Transforming Energy in Latin America and the Caribbean

Mariana Gutierrez from Iniciativa Climática de Mexico highlighted the critical need for transforming the energy sector in Latin America. She outlined three key enabling conditions necessary for this transition:

  • Strengthening Institutional Arrangements: Ensuring that decision-making processes are transparent, accountable, and inclusive of civil society and affected communities.
  • Building Financial Structures: Supporting a just energy transition through financial mechanisms and skills training for the workforce.
  • Creating Regulatory Frameworks: Establishing clear incentives and standards for phasing out fossil fuels and integrating climate considerations into national planning and budgets.

These steps, Mariana emphasized, are vital for increasing ambition, ensuring effective implementation, and fostering international cooperation, with a focus on equity, fairness, and transparency.
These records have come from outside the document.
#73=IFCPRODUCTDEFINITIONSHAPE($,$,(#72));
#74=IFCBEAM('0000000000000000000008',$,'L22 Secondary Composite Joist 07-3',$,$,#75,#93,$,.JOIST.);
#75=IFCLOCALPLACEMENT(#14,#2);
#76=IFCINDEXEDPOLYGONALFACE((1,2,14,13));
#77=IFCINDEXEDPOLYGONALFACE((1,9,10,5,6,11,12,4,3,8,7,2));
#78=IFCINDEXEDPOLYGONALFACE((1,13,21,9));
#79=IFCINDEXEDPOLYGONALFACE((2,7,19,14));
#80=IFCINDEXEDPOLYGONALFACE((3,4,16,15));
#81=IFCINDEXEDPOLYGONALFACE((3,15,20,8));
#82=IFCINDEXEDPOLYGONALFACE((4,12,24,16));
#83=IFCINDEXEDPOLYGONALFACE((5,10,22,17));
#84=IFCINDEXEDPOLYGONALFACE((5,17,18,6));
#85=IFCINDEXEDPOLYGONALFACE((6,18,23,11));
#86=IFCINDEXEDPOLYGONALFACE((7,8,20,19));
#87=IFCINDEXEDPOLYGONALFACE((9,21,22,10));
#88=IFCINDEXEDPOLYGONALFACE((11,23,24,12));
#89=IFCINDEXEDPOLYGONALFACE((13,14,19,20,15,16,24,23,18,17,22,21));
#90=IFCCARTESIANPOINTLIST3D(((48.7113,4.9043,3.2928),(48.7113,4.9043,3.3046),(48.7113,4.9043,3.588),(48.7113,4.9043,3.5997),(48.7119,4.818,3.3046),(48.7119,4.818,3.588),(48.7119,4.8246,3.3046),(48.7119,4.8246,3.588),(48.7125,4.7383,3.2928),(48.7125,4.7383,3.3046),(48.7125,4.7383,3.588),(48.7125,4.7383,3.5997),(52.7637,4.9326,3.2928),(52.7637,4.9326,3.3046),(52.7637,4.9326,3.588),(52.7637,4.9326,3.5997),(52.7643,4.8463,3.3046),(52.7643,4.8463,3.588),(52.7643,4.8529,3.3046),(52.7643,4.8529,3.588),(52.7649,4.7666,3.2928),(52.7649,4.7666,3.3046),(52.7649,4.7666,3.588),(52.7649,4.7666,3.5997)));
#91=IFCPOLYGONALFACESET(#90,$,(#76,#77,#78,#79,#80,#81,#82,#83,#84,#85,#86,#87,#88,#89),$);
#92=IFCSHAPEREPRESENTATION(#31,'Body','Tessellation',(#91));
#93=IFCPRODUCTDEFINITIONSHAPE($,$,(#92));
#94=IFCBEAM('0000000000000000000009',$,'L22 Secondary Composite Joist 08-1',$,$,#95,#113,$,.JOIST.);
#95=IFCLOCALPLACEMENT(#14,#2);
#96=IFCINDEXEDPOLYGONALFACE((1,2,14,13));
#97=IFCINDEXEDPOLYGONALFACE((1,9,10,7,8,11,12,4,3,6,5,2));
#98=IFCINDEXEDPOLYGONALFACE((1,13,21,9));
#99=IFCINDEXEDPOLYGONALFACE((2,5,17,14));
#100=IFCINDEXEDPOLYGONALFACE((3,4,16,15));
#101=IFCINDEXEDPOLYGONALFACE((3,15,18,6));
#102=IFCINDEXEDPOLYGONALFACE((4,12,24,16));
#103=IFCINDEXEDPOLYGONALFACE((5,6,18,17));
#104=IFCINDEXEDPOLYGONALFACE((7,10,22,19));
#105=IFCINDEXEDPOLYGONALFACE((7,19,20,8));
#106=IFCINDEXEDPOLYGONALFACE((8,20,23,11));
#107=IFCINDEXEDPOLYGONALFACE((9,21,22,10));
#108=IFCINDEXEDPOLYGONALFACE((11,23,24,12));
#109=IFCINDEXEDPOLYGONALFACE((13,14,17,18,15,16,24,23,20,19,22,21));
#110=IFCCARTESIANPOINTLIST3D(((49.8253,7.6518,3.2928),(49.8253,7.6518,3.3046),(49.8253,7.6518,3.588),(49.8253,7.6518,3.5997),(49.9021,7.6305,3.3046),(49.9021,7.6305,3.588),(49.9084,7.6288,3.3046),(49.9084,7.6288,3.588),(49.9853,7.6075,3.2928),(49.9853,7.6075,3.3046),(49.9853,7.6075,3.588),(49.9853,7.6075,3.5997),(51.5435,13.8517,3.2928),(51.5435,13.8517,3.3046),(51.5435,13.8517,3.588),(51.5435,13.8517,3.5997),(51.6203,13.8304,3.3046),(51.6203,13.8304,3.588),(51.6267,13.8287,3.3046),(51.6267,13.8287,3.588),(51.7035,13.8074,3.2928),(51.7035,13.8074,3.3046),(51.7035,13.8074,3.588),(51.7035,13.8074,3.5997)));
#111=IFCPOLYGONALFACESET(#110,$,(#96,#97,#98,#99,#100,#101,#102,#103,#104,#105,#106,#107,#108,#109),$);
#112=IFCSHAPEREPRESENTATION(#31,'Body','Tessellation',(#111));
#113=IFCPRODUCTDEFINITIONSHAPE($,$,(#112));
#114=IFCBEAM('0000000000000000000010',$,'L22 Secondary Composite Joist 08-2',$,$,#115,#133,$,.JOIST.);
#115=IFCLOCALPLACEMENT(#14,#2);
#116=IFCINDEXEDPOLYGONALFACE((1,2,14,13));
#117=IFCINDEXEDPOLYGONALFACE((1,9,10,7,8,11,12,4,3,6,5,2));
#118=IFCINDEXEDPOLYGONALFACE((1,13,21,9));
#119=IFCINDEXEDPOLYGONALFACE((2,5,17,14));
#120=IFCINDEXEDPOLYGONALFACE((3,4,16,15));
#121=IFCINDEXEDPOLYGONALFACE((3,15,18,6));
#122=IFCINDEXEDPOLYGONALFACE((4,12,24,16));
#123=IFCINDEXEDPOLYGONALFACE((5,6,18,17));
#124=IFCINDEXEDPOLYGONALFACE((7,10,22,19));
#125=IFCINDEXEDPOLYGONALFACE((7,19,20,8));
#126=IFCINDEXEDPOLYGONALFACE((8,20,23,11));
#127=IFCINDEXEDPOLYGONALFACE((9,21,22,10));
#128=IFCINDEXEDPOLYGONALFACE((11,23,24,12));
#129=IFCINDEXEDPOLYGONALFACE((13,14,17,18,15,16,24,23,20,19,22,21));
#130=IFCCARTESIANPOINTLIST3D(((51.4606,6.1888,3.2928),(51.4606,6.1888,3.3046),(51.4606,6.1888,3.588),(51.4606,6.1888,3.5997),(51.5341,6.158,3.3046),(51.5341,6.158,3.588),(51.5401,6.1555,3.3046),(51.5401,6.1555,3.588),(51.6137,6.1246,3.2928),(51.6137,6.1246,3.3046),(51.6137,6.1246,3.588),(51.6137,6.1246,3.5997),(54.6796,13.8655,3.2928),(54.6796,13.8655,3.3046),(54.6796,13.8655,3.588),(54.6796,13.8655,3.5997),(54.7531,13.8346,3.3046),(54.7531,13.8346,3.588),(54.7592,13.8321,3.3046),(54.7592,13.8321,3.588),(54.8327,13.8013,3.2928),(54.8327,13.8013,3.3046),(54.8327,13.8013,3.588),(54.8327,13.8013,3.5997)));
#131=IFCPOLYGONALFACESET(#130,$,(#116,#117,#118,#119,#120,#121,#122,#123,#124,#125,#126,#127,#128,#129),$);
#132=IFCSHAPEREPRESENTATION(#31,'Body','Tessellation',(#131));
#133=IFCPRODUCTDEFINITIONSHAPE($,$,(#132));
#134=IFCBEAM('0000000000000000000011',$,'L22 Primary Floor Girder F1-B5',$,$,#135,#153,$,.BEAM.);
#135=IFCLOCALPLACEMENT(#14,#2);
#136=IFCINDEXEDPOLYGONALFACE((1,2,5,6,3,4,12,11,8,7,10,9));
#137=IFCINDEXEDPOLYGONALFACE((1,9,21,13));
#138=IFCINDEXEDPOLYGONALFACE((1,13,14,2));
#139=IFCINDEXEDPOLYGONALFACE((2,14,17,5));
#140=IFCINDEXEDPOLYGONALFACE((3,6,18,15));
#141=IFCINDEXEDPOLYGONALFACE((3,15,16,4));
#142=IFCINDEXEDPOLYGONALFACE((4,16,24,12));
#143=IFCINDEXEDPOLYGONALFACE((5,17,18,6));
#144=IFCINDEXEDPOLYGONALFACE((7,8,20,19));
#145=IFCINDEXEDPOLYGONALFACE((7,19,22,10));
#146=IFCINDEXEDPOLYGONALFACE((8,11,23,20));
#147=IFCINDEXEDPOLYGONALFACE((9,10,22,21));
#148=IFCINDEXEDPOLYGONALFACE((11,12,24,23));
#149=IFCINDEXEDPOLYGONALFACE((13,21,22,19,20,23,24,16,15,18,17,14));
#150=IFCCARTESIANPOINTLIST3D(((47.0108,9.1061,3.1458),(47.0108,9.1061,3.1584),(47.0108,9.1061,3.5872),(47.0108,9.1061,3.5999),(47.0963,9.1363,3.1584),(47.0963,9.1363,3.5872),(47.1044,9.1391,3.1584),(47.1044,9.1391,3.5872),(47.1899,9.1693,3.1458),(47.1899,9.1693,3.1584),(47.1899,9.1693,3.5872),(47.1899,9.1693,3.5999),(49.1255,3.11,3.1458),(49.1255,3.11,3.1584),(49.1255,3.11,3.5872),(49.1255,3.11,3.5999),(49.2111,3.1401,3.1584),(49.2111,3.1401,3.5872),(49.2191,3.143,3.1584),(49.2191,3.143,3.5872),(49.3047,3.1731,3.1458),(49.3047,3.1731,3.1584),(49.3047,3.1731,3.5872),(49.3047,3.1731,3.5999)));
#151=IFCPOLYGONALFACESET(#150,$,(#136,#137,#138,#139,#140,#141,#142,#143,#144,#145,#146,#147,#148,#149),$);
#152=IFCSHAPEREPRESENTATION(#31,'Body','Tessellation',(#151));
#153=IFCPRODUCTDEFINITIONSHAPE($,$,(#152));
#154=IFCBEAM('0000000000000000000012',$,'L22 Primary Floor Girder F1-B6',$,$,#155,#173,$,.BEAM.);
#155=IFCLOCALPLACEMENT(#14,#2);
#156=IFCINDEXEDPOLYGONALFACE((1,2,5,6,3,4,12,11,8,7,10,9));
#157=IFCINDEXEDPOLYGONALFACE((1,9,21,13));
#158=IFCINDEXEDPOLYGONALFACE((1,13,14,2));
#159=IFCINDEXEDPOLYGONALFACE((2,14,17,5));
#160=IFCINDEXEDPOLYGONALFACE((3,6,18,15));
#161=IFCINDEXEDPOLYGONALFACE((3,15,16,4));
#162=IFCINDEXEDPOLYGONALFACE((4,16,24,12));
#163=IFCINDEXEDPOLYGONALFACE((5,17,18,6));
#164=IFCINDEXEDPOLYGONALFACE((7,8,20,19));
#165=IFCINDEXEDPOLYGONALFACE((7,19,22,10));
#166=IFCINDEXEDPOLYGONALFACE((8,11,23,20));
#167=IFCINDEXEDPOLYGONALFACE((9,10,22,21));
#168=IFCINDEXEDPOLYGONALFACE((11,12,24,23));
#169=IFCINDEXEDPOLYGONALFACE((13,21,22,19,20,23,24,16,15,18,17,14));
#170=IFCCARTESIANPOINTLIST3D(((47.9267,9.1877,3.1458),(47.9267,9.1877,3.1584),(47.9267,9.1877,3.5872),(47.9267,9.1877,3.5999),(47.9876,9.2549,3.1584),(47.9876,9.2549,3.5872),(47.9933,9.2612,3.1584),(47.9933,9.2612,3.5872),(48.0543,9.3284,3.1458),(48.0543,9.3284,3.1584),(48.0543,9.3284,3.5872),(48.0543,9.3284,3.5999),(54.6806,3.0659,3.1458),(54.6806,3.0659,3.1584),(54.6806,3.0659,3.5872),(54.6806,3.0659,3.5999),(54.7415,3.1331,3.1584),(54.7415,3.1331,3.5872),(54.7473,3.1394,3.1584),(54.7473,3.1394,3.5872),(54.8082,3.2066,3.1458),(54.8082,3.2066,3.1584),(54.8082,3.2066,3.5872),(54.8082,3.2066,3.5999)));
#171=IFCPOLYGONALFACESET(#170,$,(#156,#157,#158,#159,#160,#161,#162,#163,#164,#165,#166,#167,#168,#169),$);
Decarbonization in Southeast Asia

Danica Marie Supnet from the Institute for Climate and Sustainable Cities (ICSC) shared insights into key sectors for decarbonization in Southeast Asia, particularly the energy, forestry, and land use sectors. Challenges such as inconsistent energy planning, underinvestment in power grid modernization, and the need for sustainable forest management were discussed. Danica underscored the importance of strong political and policy signals in countries like Indonesia and the Philippines to lead these efforts.

Broadening the Discussion: Insights from the Q&A Session

The panel then moved into a dynamic Q&A session, where discussions centered on challenges and opportunities associated with the integration of the first GST decision into NDC 3.0. Topics such as investment de-risking, capacity building (especially those that demystify the global GST decision into easily comprehensible regional ambitions), availability of adequate financial resources, and the integration of climate resilience into planning were explored. Discussions highlighted the importance of context-specific national sector investments and the critical nature of understanding and mainstreaming Global Stocktake (GST) decisions into regional activities.

Conclusion: A Unified Call for Action

The side event concluded with a unified call to address the implementation challenges of the Paris Agreement through increased ambition, strategic investments, and responsive policy adjustments. The insights shared underscored the interconnected nature of global and regional efforts required to combat climate change effectively.

The side event not only provided a platform for sharing valuable regional perspectives but also reinforced the global commitment to turning the Paris Agreement goals into actionable strategies. As we look forward, the lessons learned, and strategies discussed will undoubtedly play a crucial role in shaping future climate actions across the three regions.